Позвонив в Озерки, Ирсанов узнал от бабушки Сони, что родители еще вчера срочно уехали по делам в город. «Когда вернутся — неизвестно. Но ты, Юра, молодец, что позвонил. Я волновалась. А так — отдыхай, голубчик. Да смотри, возвращайся завтра к обеду. Мне без тебя здесь скверно».

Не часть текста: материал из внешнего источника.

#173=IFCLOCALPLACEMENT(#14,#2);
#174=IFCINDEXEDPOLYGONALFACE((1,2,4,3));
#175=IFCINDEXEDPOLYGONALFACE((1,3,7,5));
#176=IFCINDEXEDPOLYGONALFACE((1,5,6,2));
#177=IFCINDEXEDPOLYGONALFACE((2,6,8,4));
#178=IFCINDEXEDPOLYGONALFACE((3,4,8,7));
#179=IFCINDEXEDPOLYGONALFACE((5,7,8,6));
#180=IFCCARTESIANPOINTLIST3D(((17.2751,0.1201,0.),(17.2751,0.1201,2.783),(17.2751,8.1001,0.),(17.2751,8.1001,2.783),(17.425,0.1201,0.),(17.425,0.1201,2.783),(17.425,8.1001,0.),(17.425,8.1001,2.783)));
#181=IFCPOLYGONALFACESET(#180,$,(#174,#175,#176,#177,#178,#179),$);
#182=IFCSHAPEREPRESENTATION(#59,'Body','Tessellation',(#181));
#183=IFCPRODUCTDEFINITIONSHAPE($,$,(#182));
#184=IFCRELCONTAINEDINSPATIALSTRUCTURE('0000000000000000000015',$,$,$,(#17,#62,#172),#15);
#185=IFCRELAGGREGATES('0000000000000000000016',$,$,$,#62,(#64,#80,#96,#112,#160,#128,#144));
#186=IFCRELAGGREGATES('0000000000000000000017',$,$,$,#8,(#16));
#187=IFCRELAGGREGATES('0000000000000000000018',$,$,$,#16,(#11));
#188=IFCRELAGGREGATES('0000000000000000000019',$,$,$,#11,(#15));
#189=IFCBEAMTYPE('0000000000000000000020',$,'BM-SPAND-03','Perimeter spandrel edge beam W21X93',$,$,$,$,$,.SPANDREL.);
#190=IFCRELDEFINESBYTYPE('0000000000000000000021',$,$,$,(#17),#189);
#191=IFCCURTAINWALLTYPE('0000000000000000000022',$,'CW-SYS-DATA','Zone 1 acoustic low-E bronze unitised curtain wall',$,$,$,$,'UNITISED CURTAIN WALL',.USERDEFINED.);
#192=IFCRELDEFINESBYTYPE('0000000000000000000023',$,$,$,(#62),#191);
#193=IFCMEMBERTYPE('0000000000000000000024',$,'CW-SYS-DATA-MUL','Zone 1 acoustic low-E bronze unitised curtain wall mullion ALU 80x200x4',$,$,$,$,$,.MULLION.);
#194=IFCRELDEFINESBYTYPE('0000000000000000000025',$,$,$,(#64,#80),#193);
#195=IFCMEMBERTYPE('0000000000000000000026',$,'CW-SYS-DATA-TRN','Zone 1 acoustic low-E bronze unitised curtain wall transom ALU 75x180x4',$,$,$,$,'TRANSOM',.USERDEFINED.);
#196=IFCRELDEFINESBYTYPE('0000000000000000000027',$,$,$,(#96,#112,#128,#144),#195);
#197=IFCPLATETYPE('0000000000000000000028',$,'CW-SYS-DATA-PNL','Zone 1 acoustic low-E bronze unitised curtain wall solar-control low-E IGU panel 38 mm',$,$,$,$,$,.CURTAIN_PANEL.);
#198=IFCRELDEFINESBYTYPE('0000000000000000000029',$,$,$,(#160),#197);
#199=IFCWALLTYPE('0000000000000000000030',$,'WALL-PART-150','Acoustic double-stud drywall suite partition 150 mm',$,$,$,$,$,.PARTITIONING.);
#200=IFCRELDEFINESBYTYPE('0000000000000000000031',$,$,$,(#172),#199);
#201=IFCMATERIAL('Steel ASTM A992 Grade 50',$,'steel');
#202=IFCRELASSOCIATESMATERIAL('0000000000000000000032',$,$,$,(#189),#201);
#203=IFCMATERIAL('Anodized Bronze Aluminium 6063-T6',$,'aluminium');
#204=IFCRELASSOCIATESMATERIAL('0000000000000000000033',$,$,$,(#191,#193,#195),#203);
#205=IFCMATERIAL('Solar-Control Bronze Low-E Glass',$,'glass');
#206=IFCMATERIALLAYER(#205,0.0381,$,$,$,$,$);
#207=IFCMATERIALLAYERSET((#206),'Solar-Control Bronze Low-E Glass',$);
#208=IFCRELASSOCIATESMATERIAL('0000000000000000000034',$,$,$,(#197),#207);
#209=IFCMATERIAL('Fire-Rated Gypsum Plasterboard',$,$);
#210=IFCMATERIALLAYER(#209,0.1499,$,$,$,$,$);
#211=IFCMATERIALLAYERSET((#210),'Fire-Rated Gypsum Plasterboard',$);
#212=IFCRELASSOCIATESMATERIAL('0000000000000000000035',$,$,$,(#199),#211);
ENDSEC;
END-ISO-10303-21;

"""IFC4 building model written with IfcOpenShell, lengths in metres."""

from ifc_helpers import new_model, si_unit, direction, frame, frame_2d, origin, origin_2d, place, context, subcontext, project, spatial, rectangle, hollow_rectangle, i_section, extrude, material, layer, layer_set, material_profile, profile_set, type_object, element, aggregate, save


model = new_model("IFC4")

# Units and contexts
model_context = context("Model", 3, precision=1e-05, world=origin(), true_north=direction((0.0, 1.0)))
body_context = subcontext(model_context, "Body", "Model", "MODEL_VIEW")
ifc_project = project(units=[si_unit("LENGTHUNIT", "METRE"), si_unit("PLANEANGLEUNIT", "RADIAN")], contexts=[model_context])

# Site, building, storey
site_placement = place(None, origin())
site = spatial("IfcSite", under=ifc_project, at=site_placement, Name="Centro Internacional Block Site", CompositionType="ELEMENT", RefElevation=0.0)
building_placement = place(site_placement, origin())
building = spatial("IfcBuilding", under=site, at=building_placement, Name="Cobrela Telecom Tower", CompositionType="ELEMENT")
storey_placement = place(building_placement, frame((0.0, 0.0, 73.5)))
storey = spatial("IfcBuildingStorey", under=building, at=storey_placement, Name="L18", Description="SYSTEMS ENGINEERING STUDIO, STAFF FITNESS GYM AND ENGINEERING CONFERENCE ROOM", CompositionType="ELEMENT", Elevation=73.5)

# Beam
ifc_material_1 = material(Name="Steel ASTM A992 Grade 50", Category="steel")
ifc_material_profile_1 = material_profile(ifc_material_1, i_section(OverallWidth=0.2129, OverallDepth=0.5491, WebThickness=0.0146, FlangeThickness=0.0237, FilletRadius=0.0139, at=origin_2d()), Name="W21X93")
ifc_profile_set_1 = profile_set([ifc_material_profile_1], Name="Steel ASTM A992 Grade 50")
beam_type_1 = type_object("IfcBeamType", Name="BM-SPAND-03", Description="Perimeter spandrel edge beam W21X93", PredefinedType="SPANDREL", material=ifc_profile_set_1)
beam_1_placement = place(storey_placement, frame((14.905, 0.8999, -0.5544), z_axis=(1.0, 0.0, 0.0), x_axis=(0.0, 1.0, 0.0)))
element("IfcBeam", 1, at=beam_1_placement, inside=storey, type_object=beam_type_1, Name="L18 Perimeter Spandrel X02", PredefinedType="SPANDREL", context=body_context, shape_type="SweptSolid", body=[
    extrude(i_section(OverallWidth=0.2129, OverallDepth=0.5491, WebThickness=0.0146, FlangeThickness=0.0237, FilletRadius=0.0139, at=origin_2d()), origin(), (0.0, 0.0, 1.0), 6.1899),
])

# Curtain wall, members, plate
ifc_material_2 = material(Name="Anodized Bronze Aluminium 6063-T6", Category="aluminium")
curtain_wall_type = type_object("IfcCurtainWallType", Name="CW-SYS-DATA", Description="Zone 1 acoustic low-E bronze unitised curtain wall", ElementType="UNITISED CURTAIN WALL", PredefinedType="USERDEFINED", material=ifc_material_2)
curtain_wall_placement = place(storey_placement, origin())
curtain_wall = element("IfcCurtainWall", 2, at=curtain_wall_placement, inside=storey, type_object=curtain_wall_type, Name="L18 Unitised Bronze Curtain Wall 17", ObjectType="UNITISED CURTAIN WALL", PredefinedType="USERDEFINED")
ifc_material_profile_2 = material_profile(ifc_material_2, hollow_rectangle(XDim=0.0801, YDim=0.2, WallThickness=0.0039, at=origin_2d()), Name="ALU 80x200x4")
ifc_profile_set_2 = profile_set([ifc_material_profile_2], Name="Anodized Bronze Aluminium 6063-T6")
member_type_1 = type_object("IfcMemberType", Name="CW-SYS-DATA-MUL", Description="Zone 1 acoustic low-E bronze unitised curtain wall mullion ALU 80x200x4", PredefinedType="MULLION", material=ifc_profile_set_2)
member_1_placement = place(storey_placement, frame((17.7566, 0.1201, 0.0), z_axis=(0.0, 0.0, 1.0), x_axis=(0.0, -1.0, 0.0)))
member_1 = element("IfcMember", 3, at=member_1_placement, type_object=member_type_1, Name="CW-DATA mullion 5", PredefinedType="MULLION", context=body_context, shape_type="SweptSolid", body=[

Бабушка Соня, или точнее Софья Андреевна Танеева, была дальней родственницей старшего Ирсанова и появилась в их доме только в середине пятидесятых, а до того Юра Ирсанов даже не подозревал о ее существовании на этой земле. В доме о ней никогда не упоминали, во всяком случае при Юре, и когда в один из зимних дней он, вернувшись из школы, увидел в столовой маму за чаем в обществе Софьи Андреевны, он изумился. Во-первых, потому что его мама не выносила женское общество, никогда никаких приятельниц не имела и потому в их доме из женского окружения бывали — очень, впрочем, редко, — или аспирантки отца, или совместно с мужьями жены друзей отца. А во-вторых, маленького Юру поразила внешность гостьи и еще то, что она курила, курила именно в столовой, что в доме Ирсановых было не принято, и мама была к этому совершенно равнодушна и даже не кашляла,
как обычно, от табачного дыма.
— Познакомься, Юра. Это бабушка Соня. Она будет жить в твоей комнате, а ты теперь будешь спать в моей. Вымой руки и садись обедать.

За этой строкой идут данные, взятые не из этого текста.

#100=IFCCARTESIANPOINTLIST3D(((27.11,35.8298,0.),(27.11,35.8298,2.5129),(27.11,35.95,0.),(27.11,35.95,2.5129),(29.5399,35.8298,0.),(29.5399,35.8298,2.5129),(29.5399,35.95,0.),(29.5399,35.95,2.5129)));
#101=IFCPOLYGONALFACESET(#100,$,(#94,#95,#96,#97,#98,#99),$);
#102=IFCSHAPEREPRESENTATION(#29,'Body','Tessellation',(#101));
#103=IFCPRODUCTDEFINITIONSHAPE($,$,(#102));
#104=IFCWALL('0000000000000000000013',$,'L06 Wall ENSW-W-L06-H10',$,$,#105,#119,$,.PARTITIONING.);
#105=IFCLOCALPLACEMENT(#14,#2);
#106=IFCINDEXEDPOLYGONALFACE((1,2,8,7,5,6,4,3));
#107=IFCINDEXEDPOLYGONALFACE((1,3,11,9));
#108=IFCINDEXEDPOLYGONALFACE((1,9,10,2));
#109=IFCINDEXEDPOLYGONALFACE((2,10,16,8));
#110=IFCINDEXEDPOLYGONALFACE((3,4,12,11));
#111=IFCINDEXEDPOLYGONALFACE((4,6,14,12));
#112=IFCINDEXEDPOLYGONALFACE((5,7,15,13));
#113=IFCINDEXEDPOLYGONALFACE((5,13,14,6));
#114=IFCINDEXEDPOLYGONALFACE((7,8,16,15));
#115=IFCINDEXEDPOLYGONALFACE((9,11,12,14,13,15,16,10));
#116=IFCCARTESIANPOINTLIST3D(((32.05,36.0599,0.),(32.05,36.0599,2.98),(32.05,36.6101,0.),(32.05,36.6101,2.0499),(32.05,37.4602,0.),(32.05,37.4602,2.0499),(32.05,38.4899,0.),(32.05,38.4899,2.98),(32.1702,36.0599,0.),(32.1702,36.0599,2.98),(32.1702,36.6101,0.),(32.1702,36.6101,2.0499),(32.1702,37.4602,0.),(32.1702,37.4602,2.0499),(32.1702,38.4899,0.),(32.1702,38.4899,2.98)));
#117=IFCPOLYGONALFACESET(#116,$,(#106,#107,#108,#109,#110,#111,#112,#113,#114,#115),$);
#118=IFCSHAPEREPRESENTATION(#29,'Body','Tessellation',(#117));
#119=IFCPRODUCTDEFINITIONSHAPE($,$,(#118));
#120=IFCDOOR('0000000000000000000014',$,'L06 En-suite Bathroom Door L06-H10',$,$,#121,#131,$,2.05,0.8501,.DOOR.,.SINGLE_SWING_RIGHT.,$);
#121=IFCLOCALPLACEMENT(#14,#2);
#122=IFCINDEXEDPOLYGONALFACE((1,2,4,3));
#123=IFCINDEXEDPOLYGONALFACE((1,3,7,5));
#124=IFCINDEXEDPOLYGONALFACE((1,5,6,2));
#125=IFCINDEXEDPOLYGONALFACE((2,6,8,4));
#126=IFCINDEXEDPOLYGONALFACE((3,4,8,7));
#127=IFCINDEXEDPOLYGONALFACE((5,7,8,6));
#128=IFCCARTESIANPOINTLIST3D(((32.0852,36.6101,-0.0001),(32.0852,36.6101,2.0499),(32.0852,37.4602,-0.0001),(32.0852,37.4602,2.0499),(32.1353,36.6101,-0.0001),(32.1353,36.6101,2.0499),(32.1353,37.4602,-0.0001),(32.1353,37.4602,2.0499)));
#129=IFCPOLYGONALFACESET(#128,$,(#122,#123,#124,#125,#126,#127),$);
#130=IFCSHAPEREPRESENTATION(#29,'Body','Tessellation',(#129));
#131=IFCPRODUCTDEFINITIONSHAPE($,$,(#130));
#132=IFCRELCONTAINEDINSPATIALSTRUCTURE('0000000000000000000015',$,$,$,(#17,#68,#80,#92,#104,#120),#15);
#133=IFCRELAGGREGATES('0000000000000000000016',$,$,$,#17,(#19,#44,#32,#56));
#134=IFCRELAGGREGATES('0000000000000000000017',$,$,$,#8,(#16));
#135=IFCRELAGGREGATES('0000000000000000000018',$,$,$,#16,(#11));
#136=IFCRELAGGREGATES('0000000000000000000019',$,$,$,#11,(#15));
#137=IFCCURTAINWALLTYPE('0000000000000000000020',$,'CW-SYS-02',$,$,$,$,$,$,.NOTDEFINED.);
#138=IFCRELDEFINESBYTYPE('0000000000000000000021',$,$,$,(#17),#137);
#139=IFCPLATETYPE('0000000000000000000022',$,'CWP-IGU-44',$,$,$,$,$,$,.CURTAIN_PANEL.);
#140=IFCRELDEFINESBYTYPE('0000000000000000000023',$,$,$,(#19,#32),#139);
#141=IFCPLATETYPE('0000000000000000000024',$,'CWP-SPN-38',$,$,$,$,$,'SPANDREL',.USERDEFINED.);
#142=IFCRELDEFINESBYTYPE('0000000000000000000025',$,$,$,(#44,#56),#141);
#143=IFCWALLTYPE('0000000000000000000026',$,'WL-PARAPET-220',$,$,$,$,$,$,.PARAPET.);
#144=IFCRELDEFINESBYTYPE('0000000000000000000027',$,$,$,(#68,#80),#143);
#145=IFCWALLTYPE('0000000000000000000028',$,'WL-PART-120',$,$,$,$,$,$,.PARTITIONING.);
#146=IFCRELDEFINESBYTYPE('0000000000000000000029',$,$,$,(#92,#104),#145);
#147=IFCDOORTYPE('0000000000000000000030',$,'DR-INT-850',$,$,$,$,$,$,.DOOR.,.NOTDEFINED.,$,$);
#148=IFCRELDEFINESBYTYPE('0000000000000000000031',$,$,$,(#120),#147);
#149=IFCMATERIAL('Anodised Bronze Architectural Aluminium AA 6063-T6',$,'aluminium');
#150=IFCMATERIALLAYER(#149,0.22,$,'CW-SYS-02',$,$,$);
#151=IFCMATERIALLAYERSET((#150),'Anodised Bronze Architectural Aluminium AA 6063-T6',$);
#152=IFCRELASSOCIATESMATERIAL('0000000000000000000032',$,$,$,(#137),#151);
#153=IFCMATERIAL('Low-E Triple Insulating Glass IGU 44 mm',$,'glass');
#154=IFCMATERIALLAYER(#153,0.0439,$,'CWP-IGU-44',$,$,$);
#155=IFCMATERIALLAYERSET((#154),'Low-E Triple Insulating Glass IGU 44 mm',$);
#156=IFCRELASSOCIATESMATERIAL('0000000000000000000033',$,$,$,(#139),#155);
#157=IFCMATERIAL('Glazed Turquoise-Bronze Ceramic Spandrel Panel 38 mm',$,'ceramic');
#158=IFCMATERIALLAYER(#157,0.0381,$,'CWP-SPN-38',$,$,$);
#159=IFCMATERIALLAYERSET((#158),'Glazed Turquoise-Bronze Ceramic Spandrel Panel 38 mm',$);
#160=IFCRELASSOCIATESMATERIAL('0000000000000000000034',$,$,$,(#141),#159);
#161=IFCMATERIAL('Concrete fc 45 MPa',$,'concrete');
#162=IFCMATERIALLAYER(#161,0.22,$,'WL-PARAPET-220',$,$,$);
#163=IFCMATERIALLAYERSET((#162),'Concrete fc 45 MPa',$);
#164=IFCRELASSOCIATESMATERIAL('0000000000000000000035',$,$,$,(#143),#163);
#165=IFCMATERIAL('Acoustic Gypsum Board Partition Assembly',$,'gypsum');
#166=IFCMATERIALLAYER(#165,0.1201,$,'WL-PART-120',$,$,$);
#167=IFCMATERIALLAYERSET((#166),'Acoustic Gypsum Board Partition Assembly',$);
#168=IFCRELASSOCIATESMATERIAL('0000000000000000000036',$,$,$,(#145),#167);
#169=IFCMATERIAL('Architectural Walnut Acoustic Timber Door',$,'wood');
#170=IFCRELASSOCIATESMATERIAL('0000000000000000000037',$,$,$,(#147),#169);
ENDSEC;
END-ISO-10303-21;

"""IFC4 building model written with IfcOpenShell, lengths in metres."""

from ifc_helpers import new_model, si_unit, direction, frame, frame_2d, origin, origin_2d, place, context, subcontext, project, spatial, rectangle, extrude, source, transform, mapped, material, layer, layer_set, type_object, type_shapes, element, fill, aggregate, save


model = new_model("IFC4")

Юра подошел к бабушке Соне. Та, резким движением затушив в большой полной окурков пепельнице «Беломор», прижала к себе светлую головку мальчика — Юра был в тот год еще только третьеклассником — и тихо поцеловала его в макушку, проведя по Юриным вихрам с такой нежностью и теплом, что сразу вызвала в нем й симпатию и доверие, поскольку мать Юры была лишена каких-либо сантиментов и он не был приучен к подобным жестам. И еще маленькому Юре понравилось то, что бабушка Соня бегло улыбалась ему, и он улыбнулся ей в ответ.